Parameters: - corpus – the target Corpus
- selector – a (lambda) function that takes a Corpus object and returns True or False (i.e. include / exclude). By default, the selector includes all objects of the specified type in the Corpus.
Returns: the fitted VectorClassifier
-
fit_transform
(corpus: convokit.model.corpus.Corpus, selector: Callable[[convokit.model.corpusComponent.CorpusComponent], bool] = <function VectorClassifier.<lambda>>) → convokit.model.corpus.Corpus¶ Runs the fit() and transform() steps in order, with the specified selector.
Parameters: - corpus – the target Corpus
- selector – a (lambda) function that takes a Corpus object and returns True or False (i.e. include / exclude). By default, the selector includes all objects of the specified type in the Corpus.

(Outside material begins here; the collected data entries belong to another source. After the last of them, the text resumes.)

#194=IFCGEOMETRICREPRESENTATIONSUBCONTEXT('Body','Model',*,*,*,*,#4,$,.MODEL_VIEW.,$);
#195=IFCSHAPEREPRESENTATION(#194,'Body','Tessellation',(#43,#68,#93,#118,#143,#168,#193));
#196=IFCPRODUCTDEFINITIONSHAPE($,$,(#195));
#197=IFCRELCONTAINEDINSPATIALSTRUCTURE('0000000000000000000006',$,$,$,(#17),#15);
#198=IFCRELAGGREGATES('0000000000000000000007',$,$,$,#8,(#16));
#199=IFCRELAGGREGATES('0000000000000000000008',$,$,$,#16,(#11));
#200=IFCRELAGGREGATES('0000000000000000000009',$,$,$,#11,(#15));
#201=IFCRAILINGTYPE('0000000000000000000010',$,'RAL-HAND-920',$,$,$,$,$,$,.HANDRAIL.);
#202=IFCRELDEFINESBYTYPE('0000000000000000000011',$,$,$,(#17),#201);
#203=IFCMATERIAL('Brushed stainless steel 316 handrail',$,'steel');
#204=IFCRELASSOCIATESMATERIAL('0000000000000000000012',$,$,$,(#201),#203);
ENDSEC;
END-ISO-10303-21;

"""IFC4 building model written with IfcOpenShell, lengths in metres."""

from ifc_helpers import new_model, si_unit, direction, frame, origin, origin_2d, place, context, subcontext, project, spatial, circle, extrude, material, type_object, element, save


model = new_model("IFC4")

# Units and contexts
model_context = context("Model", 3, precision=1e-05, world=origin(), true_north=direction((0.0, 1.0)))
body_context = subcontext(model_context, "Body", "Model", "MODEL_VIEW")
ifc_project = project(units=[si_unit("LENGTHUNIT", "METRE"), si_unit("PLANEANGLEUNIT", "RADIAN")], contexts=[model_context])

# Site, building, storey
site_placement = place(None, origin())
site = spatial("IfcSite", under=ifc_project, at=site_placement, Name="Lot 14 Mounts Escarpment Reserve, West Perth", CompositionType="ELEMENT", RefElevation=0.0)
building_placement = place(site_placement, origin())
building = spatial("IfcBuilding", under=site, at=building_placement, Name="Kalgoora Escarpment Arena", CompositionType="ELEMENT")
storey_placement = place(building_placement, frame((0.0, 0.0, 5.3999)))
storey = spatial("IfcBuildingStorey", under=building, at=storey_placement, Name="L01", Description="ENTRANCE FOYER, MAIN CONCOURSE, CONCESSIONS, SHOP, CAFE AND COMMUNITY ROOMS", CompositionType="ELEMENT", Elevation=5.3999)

Returns: the target Corpus annotated
-
get_coefs
(feature_names: List[str], coef_func=None)¶ Get dataframe of classifier coefficients
Parameters: - feature_names – list of feature names to get coefficients for
- coef_func – function for accessing the list of coefficients from the classifier model; by default, assumes it is a pipeline with a logistic regression component
Returns: DataFrame of features and coefficients, indexed by feature names
-
get_model
()¶ Gets the Classifier’s internal model
-
get_y_true_pred
(corpus, selector: Callable[[convokit.model.corpusComponent.CorpusComponent], bool] = <function Classifier.<lambda>>)¶ Get lists of true and predicted labels
Parameters: - corpus – target Corpus
- selector – (lambda) function selecting objects to get labels for; uses all objects by default
Returns: list of true labels, and list of predicted labels
-
set_model
(clf)¶ Sets the Classifier’s internal model
-
summarize
(corpus: convokit.model.corpus.Corpus, selector: Callable[[convokit.model.corpusComponent.CorpusComponent], bool] = <function VectorClassifier.<lambda>>)¶ Generate a DataFrame indexed by object id with the classifier predictions and scores.

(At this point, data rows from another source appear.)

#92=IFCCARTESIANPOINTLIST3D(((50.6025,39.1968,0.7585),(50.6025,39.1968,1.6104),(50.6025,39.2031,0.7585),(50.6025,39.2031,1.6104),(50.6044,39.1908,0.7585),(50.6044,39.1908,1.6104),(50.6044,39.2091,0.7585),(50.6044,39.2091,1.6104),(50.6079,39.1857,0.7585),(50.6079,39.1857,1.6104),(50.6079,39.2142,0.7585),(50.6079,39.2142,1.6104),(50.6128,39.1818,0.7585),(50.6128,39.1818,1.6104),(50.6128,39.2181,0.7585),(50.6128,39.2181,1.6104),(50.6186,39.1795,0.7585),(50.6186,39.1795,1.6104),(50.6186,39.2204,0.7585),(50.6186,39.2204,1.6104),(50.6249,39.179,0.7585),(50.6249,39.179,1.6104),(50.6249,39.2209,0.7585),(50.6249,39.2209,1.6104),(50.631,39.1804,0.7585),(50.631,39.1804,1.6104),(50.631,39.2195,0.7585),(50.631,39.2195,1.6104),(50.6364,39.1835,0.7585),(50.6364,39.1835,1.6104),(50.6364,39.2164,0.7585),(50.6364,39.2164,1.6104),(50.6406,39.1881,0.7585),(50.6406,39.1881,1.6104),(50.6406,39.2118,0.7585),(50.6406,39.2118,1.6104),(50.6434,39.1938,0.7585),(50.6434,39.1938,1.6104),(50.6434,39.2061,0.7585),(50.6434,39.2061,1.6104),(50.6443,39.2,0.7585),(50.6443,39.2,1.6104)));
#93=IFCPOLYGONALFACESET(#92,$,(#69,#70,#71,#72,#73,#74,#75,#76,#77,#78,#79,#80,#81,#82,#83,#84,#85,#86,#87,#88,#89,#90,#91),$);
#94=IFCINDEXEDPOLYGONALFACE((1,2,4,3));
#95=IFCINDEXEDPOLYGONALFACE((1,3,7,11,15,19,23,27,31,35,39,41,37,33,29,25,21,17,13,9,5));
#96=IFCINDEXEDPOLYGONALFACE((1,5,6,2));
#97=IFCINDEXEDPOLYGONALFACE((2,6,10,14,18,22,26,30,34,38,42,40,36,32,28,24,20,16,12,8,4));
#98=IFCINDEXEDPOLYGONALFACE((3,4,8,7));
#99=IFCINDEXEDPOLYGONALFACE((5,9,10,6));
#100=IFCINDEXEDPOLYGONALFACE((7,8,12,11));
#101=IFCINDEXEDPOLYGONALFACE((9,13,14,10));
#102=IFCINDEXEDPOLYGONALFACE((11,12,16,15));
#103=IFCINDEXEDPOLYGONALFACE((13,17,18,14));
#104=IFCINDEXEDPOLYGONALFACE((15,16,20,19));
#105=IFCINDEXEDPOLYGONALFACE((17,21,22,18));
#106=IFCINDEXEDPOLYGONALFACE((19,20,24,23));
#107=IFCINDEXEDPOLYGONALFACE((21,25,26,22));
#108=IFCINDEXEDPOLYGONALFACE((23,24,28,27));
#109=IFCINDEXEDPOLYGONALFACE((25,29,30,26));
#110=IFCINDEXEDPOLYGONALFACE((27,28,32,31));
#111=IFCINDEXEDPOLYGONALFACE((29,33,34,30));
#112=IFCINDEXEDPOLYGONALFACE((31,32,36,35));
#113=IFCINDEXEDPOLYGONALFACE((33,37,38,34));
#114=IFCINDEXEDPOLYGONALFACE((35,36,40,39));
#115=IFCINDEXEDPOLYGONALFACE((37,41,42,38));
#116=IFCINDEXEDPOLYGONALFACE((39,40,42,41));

Parameters: - corpus – the annotated Corpus
- selector – a (lambda) function that takes a Corpus object and returns True or False (i.e. include / exclude). By default, the selector includes all objects of the specified type in the Corpus.

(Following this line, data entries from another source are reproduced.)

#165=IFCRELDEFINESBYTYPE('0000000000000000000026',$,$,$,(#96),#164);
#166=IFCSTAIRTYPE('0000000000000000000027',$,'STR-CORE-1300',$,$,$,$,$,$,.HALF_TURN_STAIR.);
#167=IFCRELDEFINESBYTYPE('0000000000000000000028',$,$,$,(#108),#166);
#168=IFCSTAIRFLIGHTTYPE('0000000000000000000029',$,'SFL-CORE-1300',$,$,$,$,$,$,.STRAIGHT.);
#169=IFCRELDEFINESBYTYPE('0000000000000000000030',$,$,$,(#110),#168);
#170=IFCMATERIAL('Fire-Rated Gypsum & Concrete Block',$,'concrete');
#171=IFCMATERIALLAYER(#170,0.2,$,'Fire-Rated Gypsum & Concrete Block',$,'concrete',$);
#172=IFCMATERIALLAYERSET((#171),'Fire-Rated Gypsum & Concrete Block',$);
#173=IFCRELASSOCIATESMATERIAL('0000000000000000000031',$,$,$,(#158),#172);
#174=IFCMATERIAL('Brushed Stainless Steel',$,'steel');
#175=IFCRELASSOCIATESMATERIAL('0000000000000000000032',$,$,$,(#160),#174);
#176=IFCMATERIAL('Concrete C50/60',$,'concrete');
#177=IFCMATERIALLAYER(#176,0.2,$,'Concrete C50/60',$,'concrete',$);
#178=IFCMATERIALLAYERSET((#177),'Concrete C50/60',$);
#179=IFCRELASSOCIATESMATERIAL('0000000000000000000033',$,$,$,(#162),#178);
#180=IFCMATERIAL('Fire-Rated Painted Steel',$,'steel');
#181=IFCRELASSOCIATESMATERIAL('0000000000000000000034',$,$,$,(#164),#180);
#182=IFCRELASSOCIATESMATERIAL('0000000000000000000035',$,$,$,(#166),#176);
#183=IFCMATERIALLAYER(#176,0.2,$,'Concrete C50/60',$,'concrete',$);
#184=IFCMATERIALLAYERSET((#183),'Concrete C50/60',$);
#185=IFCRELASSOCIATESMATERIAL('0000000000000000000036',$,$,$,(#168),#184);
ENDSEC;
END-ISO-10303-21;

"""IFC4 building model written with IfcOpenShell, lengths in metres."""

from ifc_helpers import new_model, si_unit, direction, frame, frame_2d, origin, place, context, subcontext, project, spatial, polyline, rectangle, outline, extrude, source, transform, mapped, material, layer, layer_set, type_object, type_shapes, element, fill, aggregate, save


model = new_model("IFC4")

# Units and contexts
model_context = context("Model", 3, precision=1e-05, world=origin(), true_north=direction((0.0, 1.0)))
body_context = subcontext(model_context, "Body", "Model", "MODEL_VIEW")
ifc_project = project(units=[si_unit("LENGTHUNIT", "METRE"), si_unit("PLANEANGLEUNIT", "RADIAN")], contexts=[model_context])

Returns: a pandas DataFrame
-
summarize_objs
(objs: List[convokit.model.corpusComponent.CorpusComponent])¶ Not implemented for VectorClassifier.
-
transform
(corpus: convokit.model.corpus.Corpus, selector: Callable[[convokit.model.corpusComponent.CorpusComponent], bool] = <function VectorClassifier.<lambda>>) → convokit.model.corpus.Corpus¶ Annotate the corpus components with the classifier prediction and prediction score, with an optional selector that selects for objects to be classified. Objects that are not selected will get a metadata value of ‘None’ instead of the classifier prediction.
Parameters: - corpus – the target Corpus
- selector – a (lambda) function that takes a Corpus object and returns True or False (i.e. include / exclude). By default, the selector includes all objects of the specified type in the Corpus.
Returns: the target Corpus annotated
-
transform_objs
(objs: List[convokit.model.corpusComponent.CorpusComponent]) → List[convokit.model.corpusComponent.CorpusComponent]¶ Not implemented for VectorClassifier.